We dated briefly, however in that brief period she made me the happiest man on Earth. She is a great human being, very cool to be with and highly energetic.

At first, I was skeptical, but found myself falling for her quickly. She completed me as tacky as that sounds and while my world was falling apart (lost my job, going broke, etc) she kept my head straight.

 

She however broke up with me, because while she found me to be the perfect boyfriend, she didn't feel for me in that way. I did in fact act feminine, but in all fairness, this was mostly because I was fresh off a relationship where I was broken down mentally and so tired of fighting, I just said "yes babe" to everything she said. This made me very recessive. And while this is a nice trait for a husband, this isn't sexy. She lost attraction for me once I dropped the shields and showed her this "guy."

 

However, this isn't a fair representation of me, she was technically a rebound when I wanted her to be the one. Well, not the one... just someone I could be with for a while. I know I'm better than that and when I realized what was wrong, I was a day late and a dollar short.

 

Now, forget your opinion of "just move on" I don't want to hear it.
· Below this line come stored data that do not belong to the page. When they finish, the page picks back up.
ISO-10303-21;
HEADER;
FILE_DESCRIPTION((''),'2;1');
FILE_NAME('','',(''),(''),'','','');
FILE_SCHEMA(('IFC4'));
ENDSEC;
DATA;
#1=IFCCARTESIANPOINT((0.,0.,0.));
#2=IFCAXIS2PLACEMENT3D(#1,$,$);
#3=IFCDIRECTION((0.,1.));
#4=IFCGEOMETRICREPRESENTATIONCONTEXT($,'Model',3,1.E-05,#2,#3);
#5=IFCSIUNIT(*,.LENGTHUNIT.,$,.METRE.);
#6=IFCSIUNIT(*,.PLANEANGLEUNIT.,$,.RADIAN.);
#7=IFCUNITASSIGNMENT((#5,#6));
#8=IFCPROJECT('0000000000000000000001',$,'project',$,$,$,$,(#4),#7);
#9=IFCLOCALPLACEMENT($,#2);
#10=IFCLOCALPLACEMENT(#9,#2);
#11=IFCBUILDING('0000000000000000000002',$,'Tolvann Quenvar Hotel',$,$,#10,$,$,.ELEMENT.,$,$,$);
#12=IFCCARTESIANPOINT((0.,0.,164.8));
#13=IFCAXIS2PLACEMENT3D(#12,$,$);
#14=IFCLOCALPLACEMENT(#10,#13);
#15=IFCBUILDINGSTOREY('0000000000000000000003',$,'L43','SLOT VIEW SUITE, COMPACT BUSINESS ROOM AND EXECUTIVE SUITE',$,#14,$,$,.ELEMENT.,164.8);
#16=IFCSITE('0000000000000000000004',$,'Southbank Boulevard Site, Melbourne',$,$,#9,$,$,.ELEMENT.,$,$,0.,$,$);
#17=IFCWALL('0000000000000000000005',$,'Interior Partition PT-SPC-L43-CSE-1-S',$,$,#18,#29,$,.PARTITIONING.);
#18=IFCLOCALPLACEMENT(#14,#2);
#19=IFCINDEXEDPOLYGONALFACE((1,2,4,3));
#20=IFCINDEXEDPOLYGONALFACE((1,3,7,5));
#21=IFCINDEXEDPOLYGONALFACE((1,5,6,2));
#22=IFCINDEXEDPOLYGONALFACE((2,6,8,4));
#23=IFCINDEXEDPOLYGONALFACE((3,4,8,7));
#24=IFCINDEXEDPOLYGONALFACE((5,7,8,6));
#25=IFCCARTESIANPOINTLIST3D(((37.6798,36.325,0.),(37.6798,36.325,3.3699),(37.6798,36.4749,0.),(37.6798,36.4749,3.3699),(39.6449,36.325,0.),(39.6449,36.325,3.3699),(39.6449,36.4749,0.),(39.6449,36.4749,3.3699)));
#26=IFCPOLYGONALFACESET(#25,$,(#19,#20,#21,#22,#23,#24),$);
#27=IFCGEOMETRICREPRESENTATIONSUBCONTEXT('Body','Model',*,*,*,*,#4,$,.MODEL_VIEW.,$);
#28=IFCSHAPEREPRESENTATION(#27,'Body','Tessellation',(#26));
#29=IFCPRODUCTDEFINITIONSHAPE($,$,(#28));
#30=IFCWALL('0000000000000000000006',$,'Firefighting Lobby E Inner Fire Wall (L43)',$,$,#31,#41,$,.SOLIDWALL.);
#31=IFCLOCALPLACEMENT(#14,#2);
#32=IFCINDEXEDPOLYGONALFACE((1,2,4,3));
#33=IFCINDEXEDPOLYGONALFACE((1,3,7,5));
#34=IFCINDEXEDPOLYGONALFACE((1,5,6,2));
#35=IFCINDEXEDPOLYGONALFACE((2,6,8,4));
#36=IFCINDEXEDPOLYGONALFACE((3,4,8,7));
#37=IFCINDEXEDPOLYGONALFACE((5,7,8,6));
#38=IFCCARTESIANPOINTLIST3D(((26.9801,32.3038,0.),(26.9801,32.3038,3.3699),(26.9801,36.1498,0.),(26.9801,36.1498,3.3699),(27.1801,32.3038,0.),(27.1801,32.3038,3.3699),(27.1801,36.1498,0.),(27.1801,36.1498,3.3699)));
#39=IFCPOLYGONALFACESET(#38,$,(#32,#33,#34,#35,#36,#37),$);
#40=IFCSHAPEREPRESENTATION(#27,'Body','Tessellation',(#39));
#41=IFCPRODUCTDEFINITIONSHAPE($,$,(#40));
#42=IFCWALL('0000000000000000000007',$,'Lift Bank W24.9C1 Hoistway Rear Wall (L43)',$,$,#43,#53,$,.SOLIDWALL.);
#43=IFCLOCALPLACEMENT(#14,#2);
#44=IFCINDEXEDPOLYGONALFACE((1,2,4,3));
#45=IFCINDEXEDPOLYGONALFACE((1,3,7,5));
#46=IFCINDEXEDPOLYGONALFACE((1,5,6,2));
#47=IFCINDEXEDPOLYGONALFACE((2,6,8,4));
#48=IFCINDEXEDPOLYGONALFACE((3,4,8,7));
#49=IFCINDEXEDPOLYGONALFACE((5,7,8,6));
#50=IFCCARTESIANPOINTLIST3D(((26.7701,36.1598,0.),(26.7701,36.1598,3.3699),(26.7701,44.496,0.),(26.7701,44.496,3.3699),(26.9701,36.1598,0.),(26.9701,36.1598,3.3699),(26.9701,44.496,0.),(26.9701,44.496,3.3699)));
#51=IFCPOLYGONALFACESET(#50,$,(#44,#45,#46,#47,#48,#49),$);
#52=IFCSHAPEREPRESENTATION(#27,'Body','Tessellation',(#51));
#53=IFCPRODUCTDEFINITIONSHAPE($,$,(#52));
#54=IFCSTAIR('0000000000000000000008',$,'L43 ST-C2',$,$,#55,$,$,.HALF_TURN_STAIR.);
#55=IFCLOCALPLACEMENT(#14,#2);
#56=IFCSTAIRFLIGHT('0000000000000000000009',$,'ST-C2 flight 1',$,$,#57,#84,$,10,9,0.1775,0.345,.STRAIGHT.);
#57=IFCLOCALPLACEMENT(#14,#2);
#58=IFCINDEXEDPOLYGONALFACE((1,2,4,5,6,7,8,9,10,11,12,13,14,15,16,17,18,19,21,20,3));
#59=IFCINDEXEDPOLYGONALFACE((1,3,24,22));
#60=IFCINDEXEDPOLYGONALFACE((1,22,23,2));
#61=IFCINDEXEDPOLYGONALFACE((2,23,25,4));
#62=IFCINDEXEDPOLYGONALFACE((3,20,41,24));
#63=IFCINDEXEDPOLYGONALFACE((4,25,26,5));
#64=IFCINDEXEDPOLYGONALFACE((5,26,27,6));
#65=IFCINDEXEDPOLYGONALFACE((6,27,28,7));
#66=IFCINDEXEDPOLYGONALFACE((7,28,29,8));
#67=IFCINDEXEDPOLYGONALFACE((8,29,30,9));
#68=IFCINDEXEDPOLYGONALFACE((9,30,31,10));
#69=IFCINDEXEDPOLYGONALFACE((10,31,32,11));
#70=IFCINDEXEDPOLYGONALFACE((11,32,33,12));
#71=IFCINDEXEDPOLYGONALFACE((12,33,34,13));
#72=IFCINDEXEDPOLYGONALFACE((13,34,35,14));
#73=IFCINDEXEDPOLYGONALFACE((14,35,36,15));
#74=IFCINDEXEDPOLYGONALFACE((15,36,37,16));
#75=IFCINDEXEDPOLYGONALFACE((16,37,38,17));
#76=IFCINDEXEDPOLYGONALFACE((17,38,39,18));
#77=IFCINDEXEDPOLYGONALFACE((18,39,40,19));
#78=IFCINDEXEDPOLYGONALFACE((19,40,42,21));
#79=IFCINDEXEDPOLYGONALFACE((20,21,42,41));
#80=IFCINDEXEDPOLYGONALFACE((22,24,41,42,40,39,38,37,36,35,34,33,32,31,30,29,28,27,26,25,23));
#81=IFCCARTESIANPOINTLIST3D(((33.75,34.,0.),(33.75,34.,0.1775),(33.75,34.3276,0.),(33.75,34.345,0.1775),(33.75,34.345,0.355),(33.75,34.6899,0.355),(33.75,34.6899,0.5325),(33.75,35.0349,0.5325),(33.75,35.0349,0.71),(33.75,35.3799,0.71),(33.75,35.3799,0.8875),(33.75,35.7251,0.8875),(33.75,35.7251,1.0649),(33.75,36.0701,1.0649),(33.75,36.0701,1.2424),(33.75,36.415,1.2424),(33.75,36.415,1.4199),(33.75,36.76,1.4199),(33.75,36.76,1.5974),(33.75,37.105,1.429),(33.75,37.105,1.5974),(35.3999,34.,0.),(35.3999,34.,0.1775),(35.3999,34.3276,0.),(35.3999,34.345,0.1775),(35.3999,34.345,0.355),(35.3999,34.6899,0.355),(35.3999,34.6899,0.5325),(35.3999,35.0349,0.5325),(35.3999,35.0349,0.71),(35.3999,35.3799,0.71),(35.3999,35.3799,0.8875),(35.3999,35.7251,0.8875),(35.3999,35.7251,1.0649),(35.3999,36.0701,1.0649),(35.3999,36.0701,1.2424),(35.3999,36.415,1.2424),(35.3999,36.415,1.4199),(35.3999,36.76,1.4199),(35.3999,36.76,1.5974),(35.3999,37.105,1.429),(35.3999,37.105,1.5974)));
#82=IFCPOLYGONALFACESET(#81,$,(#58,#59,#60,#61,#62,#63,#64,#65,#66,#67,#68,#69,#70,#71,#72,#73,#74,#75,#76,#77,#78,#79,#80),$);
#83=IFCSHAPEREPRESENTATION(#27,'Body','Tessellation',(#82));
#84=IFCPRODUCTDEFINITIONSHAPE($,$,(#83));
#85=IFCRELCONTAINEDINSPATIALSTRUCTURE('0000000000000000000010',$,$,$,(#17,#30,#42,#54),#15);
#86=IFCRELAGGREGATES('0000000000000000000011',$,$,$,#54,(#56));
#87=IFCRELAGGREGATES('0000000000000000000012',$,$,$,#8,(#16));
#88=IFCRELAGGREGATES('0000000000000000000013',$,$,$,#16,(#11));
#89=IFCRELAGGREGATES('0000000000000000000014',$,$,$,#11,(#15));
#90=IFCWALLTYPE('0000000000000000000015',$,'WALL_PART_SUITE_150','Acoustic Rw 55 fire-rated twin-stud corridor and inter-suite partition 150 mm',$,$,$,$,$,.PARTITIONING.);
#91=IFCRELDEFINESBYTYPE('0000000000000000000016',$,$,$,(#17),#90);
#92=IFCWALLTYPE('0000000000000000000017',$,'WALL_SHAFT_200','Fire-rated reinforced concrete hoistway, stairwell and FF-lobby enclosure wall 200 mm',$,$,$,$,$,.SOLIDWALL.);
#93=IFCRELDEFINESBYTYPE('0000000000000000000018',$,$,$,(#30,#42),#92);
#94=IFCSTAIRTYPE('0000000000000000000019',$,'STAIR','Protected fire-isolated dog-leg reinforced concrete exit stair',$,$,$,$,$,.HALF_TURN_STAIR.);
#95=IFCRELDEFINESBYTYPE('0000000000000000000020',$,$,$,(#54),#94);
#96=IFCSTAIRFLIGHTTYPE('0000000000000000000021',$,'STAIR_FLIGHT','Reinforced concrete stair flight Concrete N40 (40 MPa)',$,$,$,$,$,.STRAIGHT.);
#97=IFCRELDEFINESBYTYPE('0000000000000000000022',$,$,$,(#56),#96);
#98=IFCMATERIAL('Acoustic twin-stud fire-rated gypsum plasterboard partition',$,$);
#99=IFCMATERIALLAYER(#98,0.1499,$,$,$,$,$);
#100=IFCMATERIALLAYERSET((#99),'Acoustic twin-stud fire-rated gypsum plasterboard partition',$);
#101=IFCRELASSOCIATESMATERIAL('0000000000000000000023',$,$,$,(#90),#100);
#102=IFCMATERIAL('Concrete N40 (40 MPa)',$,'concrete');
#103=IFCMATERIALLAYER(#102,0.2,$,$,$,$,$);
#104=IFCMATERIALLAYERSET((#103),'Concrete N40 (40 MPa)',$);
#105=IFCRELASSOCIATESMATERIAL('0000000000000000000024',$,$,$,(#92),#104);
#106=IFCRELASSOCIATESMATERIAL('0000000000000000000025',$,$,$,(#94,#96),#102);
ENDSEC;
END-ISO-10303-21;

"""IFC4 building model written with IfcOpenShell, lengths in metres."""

from ifc_helpers import new_model, si_unit, direction, frame, frame_2d, origin, place, context, subcontext, project, spatial, polyline, rectangle, outline, extrude, material, layer, layer_set, type_object, element, aggregate, save


model = new_model("IFC4")

# Units and contexts
model_context = context("Model", 3, precision=1e-05, world=origin(), true_north=direction((0.0, 1.0)))
body_context = subcontext(model_context, "Body", "Model", "MODEL_VIEW")
ifc_project = project(units=[si_unit("LENGTHUNIT", "METRE"), si_unit("PLANEANGLEUNIT", "RADIAN")], contexts=[model_context])

# Site, building, storey
site_placement = place(None, origin())
site = spatial("IfcSite", under=ifc_project, at=site_placement, Name="Southbank Boulevard Site, Melbourne", CompositionType="ELEMENT", RefElevation=0.0)
building_placement = place(site_placement, origin())
building = spatial("IfcBuilding", under=site, at=building_placement, Name="Tolvann Quenvar Hotel", CompositionType="ELEMENT")
storey_placement = place(building_placement, frame((0.0, 0.0, 164.8)))
storey = spatial("IfcBuildingStorey", under=building, at=storey_placement, Name="L43", Description="SLOT VIEW SUITE, COMPACT BUSINESS ROOM AND EXECUTIVE SUITE", CompositionType="ELEMENT", Elevation=164.8)

# Shared definitions
ifc_material_1 = material(Name="Acoustic twin-stud fire-rated gypsum plasterboard partition")
ifc_layer_1 = layer(ifc_material_1, 0.1499)
ifc_layer_set_1 = layer_set([ifc_layer_1], Name="Acoustic twin-stud fire-rated gypsum plasterboard partition")
wall_type_1 = type_object("IfcWallType", Name="WALL_PART_SUITE_150", Description="Acoustic Rw 55 fire-rated twin-stud corridor and inter-suite partition 150 mm", PredefinedType="PARTITIONING", material=ifc_layer_set_1)

# Walls
wall_1_placement = place(storey_placement, frame((37.6799, 36.3999, 0.0), z_axis=(0.0, 0.0, 1.0), x_axis=(1.0, 0.0, 0.0)))
element("IfcWall", 1, at=wall_1_placement, inside=storey, type_object=wall_type_1, Name="Interior Partition PT-SPC-L43-CSE-1-S", PredefinedType="PARTITIONING", context=body_context, shape_type="SweptSolid", body=[
    extrude(rectangle(XDim=1.9651, YDim=0.1499, at=frame_2d((0.9824, 0.0))), origin(), (0.0, 0.0, 1.0), 3.3699),
])
ifc_material_2 = material(Name="Concrete N40 (40 MPa)", Category="concrete")
ifc_layer_2 = layer(ifc_material_2, 0.2)
ifc_layer_set_2 = layer_set([ifc_layer_2], Name="Concrete N40 (40 MPa)")
wall_type_2 = type_object("IfcWallType", Name="WALL_SHAFT_200", Description="Fire-rated reinforced concrete hoistway, stairwell and FF-lobby enclosure wall 200 mm", PredefinedType="SOLIDWALL", material=ifc_layer_set_2)
wall_2_placement = place(storey_placement, frame((27.0801, 32.304, 0.0), z_axis=(0.0, 0.0, 1.0), x_axis=(0.0, 1.0, 0.0)))
element("IfcWall", 2, at=wall_2_placement, inside=storey, type_object=wall_type_2, Name="Firefighting Lobby E Inner Fire Wall (L43)", PredefinedType="SOLIDWALL", context=body_context, shape_type="SweptSolid", body=[
    extrude(rectangle(XDim=3.8459, YDim=0.2, at=frame_2d((1.9229, 0.0))), origin(), (0.0, 0.0, 1.0), 3.3699),
])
I am dead set, I want her back. she really likes me and cried herself off the phone while dumping me, I made the mistake of acting like I did with my ex and I just need to re-attract her. I want you guys to help me. I know most of my fellow GDS...ers are mostly nerds (like me) but give me your advice, I know she wants to be with me again, but I need a plan. Please give me your best advice on how I win someone back. Please, no joke responses, I am actually pretty heartbroken right now. And I hope my semi-decent status on the Dog Pound will get me some serious responses.

 

And in case you didn't know... I am drunk, so if my post sounded like rambling.... that is why. Thanks guys. I love you all.

 

...Women....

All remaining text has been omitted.